我需要这个 csv 文件才能将其提供给 Amazon Athena。当我这样做时，Athena 还会以与第二个输出中所示相同的格式呈现数据。理想情况下，从转换后的 csv 文件中读取后，它应该只显示 3 行。

知道为什么会发生这种情况吗？如何解决这个问题，以正确的形式呈现 csv 数据，如第一个输出中所示？

【问题讨论】：

在写入 csv 之前，紧接在“society in”和“foundation”等之前的字符是什么？
这些基本上是描述标题中的内容，如下所示：After the collapse of a nanotechnology society in England, the young survivors lay the foundation for a new society.

标签： scala apache-spark dataframe apache-spark-sql

【解决方案1】：

description 列中的数据应包含new line characters 和commas 的数据，如下所示

"After the collapse of a nanotechnology \nsociety in England, the young survivors lay the \nfoundation for a new society"

所以为了测试目的，我创建了一个数据框

val df = Seq(
  ("Maeve Ascendant", "_CONFIG_CONTEXT", "#id13", "dfdf", "20", "bk103", "Corets, Eva", "After the collapse of a nanotechnology \nsociety in England, the young survivors lay the \nfoundation for a new society", "Fantasy", "5.95", "2000-11-17")
).toDF("title", "UserData.UserValue._title", "UserData.UserValue._valueRef", "UserData.UserValue._valuegiven", "UserData._idUser", "_id", "author", "description", "genre", "price", "publish_date")

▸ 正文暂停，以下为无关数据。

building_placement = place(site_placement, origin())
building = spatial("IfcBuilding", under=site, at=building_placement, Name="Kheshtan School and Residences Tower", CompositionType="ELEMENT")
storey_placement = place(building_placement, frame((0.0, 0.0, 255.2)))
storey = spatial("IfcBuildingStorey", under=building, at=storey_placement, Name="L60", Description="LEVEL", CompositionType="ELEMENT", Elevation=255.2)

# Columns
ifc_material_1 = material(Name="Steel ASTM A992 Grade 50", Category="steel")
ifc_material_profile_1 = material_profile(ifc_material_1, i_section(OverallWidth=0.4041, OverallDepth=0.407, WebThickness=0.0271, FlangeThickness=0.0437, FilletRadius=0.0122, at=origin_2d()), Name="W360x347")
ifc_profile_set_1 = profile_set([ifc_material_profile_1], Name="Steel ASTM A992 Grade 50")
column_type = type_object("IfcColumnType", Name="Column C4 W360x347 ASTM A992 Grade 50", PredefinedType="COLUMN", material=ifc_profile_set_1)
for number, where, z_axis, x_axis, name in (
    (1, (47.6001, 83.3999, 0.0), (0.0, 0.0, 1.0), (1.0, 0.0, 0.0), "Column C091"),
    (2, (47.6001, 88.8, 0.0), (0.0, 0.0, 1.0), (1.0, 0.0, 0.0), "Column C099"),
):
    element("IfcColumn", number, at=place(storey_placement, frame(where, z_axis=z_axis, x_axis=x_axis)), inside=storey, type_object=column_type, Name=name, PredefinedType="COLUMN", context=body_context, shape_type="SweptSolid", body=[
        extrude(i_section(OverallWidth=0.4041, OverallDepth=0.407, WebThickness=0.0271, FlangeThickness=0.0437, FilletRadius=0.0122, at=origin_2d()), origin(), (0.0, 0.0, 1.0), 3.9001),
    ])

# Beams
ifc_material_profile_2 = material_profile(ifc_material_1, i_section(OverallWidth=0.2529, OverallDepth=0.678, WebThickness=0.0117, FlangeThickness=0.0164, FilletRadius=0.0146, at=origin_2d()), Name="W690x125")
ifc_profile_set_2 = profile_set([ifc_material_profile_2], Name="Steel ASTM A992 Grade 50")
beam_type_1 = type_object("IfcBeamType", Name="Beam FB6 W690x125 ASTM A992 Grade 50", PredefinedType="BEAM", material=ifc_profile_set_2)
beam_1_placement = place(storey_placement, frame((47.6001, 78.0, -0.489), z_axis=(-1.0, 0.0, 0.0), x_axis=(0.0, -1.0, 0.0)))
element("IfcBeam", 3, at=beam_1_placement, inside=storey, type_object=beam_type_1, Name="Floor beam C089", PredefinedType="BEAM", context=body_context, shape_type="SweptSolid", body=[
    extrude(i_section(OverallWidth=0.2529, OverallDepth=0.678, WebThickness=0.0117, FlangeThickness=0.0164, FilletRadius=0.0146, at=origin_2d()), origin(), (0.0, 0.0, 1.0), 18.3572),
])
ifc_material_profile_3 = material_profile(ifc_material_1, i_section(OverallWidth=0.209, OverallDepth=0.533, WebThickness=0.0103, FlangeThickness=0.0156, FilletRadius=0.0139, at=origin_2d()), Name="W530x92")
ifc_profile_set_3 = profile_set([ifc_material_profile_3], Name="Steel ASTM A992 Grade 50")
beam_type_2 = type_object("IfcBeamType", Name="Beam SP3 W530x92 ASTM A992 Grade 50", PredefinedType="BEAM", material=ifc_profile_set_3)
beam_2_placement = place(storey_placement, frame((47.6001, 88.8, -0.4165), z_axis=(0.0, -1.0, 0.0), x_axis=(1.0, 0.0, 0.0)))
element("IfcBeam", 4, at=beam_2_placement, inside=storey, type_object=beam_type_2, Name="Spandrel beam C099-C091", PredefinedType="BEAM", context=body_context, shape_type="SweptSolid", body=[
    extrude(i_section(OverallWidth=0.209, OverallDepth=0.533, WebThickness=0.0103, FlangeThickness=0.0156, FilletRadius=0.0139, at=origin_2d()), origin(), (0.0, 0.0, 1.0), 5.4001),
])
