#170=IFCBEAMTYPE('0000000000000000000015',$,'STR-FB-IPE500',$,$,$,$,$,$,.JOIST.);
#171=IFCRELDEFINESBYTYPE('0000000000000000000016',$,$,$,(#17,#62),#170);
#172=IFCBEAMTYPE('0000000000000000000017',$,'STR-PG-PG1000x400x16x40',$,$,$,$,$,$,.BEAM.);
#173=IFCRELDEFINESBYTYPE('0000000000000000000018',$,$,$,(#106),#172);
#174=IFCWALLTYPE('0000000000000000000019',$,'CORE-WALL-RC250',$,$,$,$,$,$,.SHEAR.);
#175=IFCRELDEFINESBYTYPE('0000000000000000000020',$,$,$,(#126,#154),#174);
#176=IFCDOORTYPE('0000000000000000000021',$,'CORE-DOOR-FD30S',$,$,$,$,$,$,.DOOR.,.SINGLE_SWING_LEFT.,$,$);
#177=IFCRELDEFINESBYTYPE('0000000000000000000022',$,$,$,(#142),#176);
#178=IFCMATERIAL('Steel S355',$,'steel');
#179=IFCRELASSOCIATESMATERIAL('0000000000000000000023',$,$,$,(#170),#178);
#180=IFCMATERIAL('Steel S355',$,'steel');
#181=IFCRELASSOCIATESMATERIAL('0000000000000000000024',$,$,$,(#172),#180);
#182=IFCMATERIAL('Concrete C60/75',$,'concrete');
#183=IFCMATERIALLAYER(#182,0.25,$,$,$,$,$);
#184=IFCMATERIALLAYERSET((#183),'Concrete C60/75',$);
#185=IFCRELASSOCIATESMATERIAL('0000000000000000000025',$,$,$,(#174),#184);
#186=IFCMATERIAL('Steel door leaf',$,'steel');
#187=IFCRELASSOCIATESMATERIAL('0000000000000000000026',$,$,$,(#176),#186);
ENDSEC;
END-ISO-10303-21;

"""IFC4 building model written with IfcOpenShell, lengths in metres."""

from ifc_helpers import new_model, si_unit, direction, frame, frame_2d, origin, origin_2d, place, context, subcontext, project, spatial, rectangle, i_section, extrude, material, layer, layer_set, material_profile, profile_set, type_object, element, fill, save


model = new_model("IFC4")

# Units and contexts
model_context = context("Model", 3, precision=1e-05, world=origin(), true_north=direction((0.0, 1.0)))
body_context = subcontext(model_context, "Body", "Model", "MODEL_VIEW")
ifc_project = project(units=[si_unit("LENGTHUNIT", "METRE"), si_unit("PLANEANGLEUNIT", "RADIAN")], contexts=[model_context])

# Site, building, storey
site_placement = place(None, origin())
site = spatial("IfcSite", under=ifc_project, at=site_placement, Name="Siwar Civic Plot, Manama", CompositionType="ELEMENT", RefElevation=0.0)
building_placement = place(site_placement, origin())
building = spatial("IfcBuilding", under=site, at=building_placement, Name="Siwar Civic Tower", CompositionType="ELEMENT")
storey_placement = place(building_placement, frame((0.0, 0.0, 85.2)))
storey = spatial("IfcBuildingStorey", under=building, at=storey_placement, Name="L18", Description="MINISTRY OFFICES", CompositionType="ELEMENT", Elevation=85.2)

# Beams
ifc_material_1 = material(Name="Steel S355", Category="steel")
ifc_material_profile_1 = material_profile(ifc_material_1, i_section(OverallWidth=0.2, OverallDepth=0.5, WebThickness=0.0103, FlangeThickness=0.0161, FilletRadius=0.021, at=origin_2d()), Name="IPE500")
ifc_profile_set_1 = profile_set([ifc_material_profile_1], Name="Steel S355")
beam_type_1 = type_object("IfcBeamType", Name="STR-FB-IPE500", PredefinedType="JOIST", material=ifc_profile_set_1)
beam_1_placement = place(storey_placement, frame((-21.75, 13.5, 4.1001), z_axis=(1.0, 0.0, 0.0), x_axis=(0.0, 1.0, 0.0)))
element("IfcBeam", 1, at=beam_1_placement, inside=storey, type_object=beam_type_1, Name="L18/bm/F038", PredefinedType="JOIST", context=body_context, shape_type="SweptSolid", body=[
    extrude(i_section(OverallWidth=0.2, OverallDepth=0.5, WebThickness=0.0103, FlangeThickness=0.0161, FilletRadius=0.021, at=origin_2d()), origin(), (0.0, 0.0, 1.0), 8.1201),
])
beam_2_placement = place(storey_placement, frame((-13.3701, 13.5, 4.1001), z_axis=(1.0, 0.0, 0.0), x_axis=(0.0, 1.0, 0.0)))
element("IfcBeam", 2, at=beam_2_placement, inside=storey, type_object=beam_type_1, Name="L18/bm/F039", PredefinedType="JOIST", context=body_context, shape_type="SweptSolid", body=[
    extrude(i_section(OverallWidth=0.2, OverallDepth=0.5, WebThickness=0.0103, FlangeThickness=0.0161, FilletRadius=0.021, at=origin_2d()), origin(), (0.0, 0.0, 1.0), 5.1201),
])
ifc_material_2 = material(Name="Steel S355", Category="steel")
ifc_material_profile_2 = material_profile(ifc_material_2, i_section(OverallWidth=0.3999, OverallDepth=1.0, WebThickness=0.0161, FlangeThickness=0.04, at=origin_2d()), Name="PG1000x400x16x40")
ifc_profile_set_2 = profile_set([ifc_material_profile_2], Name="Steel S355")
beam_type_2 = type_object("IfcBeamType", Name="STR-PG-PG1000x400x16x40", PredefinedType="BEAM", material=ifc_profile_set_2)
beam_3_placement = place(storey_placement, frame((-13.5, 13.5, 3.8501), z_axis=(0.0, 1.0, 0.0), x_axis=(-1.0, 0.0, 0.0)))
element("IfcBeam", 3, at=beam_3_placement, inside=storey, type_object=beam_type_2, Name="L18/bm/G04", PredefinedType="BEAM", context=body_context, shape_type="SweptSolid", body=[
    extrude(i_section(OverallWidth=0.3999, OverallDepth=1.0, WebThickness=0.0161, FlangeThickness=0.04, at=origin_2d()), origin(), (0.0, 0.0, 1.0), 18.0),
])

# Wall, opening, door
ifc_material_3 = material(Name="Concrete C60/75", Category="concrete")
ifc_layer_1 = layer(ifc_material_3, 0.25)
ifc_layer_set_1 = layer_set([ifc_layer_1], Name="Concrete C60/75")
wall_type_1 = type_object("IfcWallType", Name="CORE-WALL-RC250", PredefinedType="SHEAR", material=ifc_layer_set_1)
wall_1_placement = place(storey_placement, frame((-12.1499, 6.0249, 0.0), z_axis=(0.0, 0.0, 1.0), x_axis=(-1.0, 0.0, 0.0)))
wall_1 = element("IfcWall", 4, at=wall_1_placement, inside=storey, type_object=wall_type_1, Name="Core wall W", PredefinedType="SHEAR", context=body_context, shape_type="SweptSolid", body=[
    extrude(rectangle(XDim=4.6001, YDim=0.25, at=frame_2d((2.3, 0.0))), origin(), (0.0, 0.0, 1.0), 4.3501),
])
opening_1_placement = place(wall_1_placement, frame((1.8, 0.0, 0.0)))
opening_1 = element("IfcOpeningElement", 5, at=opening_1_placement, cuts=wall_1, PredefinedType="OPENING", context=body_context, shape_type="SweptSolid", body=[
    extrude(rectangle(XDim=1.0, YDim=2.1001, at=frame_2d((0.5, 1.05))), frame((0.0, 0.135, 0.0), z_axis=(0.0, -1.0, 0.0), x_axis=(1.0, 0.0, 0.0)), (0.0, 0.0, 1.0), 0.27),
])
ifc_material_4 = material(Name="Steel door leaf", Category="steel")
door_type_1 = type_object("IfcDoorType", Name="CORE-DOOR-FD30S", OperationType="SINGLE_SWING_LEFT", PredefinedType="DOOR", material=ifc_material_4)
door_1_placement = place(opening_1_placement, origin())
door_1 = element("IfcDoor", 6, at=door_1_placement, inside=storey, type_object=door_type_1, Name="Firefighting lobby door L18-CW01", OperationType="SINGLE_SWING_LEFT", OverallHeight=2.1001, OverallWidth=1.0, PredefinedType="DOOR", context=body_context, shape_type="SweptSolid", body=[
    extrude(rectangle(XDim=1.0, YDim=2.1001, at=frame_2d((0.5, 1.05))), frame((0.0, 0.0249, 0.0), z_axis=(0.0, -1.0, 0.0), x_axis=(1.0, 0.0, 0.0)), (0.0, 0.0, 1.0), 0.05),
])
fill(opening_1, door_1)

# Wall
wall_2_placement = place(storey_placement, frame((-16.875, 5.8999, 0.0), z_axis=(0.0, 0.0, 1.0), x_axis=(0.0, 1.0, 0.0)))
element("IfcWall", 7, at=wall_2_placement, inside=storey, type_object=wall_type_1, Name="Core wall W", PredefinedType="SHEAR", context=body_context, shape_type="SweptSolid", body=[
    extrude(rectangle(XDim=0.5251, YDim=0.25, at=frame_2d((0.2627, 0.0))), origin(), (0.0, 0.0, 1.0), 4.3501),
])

df.show() 向我展示了与您的问题相同的数据框格式

+---------------+-------------------------+----------------------------+------------------------------+----------------+-----+-----------+--------------------+-------+-----+------------+
|          title|UserData.UserValue._title|UserData.UserValue._valueRef|UserData.UserValue._valuegiven|UserData._idUser|  _id|     author|         description|  genre|price|publish_date|
+---------------+-------------------------+----------------------------+------------------------------+----------------+-----+-----------+--------------------+-------+-----+------------+
|Maeve Ascendant|          _CONFIG_CONTEXT|                       #id13|                          dfdf|              20|bk103|Corets, Eva|After the collaps...|Fantasy| 5.95|  2000-11-17|
+---------------+-------------------------+----------------------------+------------------------------+----------------+-----+-----------+--------------------+-------+-----+------------+

但是df.show(false) 给出了准确的值

+---------------+-------------------------+----------------------------+------------------------------+----------------+-----+-----------+---------------------------------------------------------------------------------------------------------------------+-------+-----+------------+
|title          |UserData.UserValue._title|UserData.UserValue._valueRef|UserData.UserValue._valuegiven|UserData._idUser|_id  |author     |description                                                                                                          |genre  |price|publish_date|
+---------------+-------------------------+----------------------------+------------------------------+----------------+-----+-----------+---------------------------------------------------------------------------------------------------------------------+-------+-----+------------+
|Maeve Ascendant|_CONFIG_CONTEXT          |#id13                       |dfdf                          |20              |bk103|Corets, Eva|After the collapse of a nanotechnology 
society in England, the young survivors lay the 
foundation for a new society|Fantasy|5.95 |2000-11-17  |
+---------------+-------------------------+----------------------------+------------------------------+----------------+-----+-----------+---------------------------------------------------------------------------------------------------------------------+-------+-----+------------+

当您将其保存为 csv 时，spark 将其保存为带有换行符和逗号的文本文件，以被视为简单的文本 csv 文件。而在 csv 格式中，换行生成一个新行，逗号生成一个新字段。 这是数据中的罪魁祸首。

解决方案 1

您可以使用 parquet 格式将数据框保存为 parquet 保存数据框的属性并将其读取为 parquet as

df.write.parquet("hdfsOut")
var csvdf = spark.read.parquet("hdfsOut")

解决方案 2

将其保存为 csv 格式并在阅读时使用multiLine 选项

df.write.format("com.databricks.spark.csv").option("header", "true").save("hdfsOut")
var csvdf = spark.read.format("org.apache.spark.csv").option("multiLine", "true").option("header", true).csv("hdfsOut")

希望回答对你有帮助

【讨论】：

感谢您的回答。是的，这是数据格式不正确并且具有换行符。标记为已接受。